Gracias de antemano.


----------



## Pinairun

Para mí significa que le sugirió que saliera a buscar café, lo cual no tendría mucho sentido en ese contexto. 

¿Sabes de qué país es quien pronuncia esa frase? Quizá en otro lugar tenga otro significado.


----------



## Xander2024

No, Pinairun, no lo sé. Pero gracias de todos modos.


----------



## Cintia&Martine

Buenas tardes:


Xander2024 said:


> No, Pinairun, no lo sé.


Pero sabrás de dónde sale esta frase... ¿no? (Libro, artículo, blog...).

Al abrir un hilo es imprescindible y *obligatorio* indicar un contexto preciso y las fuentes (reglas 3 y 4).
Por favor, danos estas informaciones.
Gracias.
Martine (Mod...)


----------



## Xander2024

Hola Martine,

 la verdad es que encontré esta frase en un sitio web en español donde la gente habla de las desgracias e incidentes chuscos que le han ocurrido durante el día. La aportación entera queda como sigue:

_Hoy, conocí a un tipo en un bar. Él era dulce y gracioso así que lo invité a salir por café. Rápidamente me rechazó, diciendo que yo ni siquiera cumplía con su primer requisito. Ese requisito era "se mira como una mujer" .


_Gracias.


----------



## Aviador

Yo interpreto "salir por café" como _ir a algún lugar a beber un café_, aunque me suena una construcción bien rara.
Además, ese "se mira como una mujer" suena también muy raro. Yo diría, si eso es lo que realmente se quiere decir, algo como _se ve como una mujer_ o _parece una mujer_.


----------



## Xander2024

Aviador said:


> Yo interpreto "salir por café" como _ir a algún lugar a beber un café_



Exacto, Aviador. Eso fue mi primer pensamiento. 

Gracias.


----------



## Ludaico

He estado ojeando ese sitio y todas las frases parecen traducidas (mal) de otro idioma. Además, algunas de ellas parecen mentiras. Yo no le daría mayor importancia a lo que allí pone.
Saludos.


----------



## Xander2024

Hola Ludaico, también he estado leyendo este sitio desde hace mucho pero no he visto faltas graves o construcciones incorrectas, y sí sé que algunas aportaciones están traducidas de otros idiomas, pero eso no me importa.

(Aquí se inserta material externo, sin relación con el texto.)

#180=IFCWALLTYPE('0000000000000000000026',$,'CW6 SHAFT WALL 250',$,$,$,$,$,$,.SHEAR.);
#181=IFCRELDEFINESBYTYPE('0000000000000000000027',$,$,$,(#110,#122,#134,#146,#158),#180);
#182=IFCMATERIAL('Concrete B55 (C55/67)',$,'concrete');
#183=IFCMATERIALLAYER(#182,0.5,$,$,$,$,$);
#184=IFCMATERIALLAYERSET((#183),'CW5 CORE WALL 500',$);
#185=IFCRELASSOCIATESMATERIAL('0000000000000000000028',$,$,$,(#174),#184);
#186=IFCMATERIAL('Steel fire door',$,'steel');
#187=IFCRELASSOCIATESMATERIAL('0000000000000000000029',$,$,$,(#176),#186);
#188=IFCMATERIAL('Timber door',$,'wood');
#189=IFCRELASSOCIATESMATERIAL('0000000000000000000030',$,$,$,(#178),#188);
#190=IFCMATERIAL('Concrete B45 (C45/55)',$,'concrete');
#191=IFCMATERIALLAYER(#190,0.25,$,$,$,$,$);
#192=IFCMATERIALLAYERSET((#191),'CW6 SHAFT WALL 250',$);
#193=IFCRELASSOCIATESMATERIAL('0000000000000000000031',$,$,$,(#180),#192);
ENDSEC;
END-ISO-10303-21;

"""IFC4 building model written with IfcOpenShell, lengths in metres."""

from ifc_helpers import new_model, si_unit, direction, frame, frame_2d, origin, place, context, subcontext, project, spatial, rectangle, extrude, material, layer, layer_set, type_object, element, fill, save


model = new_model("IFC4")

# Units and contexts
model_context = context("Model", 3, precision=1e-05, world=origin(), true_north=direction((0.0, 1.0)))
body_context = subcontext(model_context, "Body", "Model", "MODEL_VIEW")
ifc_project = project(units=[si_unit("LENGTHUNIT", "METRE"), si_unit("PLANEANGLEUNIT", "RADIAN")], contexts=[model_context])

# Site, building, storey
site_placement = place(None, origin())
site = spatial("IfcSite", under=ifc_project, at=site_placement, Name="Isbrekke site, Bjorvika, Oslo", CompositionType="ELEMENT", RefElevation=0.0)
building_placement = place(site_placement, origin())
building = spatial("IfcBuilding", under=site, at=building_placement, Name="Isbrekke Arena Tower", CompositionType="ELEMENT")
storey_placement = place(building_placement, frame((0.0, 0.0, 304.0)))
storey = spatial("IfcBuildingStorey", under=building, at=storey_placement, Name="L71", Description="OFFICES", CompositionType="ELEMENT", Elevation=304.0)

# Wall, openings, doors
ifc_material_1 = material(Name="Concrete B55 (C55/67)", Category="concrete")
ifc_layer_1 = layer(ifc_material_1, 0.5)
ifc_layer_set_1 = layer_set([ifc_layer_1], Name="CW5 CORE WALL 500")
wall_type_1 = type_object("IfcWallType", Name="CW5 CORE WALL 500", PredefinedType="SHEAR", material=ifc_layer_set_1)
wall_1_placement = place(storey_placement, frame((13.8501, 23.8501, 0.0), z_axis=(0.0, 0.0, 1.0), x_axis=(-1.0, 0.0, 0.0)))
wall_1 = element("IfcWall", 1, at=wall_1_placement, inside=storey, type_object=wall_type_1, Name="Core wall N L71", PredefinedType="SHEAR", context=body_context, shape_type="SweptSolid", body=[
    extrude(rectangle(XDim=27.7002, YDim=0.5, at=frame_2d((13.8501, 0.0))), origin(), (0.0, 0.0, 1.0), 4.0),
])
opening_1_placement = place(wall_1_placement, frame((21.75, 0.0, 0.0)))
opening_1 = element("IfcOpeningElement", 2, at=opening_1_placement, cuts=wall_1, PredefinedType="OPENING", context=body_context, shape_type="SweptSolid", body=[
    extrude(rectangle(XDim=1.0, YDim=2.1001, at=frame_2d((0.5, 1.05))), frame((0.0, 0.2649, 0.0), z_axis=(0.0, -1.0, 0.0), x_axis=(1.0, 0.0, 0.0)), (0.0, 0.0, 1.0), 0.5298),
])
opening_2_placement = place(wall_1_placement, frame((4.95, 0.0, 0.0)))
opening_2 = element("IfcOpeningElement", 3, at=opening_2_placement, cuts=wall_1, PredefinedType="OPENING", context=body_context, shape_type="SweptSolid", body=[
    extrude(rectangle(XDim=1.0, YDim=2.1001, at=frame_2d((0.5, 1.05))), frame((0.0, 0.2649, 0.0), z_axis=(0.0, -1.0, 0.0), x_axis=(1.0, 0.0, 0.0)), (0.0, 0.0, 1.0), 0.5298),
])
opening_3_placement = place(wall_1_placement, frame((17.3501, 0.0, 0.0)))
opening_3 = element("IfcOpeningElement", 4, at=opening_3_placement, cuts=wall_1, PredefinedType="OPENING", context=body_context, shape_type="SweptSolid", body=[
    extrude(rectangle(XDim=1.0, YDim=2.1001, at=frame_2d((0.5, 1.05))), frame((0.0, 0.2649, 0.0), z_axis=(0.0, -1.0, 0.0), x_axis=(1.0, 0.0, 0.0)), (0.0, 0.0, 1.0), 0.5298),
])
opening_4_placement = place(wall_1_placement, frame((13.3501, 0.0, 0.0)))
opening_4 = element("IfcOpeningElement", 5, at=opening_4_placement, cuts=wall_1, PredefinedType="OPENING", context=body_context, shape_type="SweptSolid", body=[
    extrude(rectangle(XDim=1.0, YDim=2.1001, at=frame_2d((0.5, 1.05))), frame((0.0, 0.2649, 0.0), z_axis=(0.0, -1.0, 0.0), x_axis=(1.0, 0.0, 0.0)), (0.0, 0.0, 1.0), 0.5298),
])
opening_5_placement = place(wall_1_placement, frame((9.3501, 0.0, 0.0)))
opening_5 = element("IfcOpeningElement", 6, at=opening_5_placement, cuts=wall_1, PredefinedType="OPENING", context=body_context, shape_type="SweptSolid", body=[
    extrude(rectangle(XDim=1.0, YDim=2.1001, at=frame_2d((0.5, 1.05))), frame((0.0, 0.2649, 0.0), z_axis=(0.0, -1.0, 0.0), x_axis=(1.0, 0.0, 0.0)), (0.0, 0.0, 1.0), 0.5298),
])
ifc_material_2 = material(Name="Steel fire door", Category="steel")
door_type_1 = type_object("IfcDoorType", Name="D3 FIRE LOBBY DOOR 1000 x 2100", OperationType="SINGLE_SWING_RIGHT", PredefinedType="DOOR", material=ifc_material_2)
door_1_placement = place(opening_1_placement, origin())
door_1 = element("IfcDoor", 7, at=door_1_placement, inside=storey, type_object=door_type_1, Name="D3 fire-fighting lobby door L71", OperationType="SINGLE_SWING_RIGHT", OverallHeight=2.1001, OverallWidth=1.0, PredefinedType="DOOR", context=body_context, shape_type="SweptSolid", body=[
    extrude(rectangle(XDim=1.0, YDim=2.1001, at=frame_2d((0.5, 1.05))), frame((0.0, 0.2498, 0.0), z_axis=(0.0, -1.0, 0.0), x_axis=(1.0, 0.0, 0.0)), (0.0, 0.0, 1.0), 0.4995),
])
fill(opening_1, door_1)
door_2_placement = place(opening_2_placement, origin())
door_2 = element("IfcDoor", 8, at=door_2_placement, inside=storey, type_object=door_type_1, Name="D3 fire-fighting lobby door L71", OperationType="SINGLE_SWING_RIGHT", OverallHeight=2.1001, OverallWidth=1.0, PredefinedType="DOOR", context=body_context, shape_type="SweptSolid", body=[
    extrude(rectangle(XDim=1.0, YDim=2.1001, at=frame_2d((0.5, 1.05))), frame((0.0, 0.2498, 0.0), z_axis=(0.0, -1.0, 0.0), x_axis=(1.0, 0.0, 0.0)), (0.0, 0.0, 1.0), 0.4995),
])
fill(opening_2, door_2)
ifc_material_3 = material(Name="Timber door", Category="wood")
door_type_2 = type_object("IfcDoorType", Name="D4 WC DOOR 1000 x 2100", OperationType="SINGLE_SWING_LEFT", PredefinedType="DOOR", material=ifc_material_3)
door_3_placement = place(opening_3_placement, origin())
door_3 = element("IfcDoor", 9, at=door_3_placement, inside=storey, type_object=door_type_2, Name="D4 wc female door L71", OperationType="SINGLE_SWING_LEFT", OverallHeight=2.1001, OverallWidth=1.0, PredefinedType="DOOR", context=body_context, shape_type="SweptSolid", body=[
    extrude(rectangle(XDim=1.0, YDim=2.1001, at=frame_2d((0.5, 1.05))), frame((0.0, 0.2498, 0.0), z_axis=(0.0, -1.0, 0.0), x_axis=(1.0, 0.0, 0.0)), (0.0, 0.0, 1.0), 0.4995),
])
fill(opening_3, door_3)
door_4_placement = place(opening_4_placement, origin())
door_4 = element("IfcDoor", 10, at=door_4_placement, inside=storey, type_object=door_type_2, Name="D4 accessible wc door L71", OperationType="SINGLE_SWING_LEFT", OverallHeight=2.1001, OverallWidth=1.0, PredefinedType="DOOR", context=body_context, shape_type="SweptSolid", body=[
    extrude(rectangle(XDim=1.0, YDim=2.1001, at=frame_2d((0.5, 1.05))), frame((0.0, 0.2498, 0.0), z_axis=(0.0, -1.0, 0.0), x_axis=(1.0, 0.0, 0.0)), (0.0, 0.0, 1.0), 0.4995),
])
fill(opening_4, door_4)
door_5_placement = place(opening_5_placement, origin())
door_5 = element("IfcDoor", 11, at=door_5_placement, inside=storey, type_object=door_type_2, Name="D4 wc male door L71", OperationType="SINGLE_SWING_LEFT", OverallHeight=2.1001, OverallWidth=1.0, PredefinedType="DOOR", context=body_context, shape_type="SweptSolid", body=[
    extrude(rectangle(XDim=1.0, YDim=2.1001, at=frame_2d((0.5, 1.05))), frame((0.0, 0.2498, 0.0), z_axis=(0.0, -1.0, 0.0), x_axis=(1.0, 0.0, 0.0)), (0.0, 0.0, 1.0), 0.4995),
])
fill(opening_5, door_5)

Gracias a todos por haberme ayudado con esta frase que ha resultado ser incorrecta.


----------



## Nipnip

No es que estén incorrectas, es perfecto español, lo que pasa es que no diríamos algo así.

Debió haber dicho: _lo invité a un café/le invité un café._


----------



## Ludaico

Hola, Xander:
Aparte de que esté mejor o peor construida la frase, es muy raro que alguien diga que ha conocido a una persona *en un bar* y lo invite* a salir *por café. ¿Es que en ese bar no hay café? Lo que he notado en aquel sitio es que las frases no están redactadas con naturalidad. Es decir, que así no es como normalmente nos expresamos en español. Mi opinión es que no es el sitio más recomendable para aprender a escribir correctamente en este idioma. 
Saludos.


----------



## Adolfo Afogutu

Tampoco entiendo lo de "salir por café", excepto en su significado literal, que no cuadra con el contexto. Al igual que Aviador, tan oscuro como lo anterior hallo el "primer requisito". Incomprensible.


----------



## Xander2024

Gracias, Adolfo. Ahora sí me está claro que no es español correcto. ¡Menos mal!


----------



## Nipnip

Xander2024 said:


> Gracias, Adolfo. Ahora sí me está claro que no es español correcto. ¡Menos mal!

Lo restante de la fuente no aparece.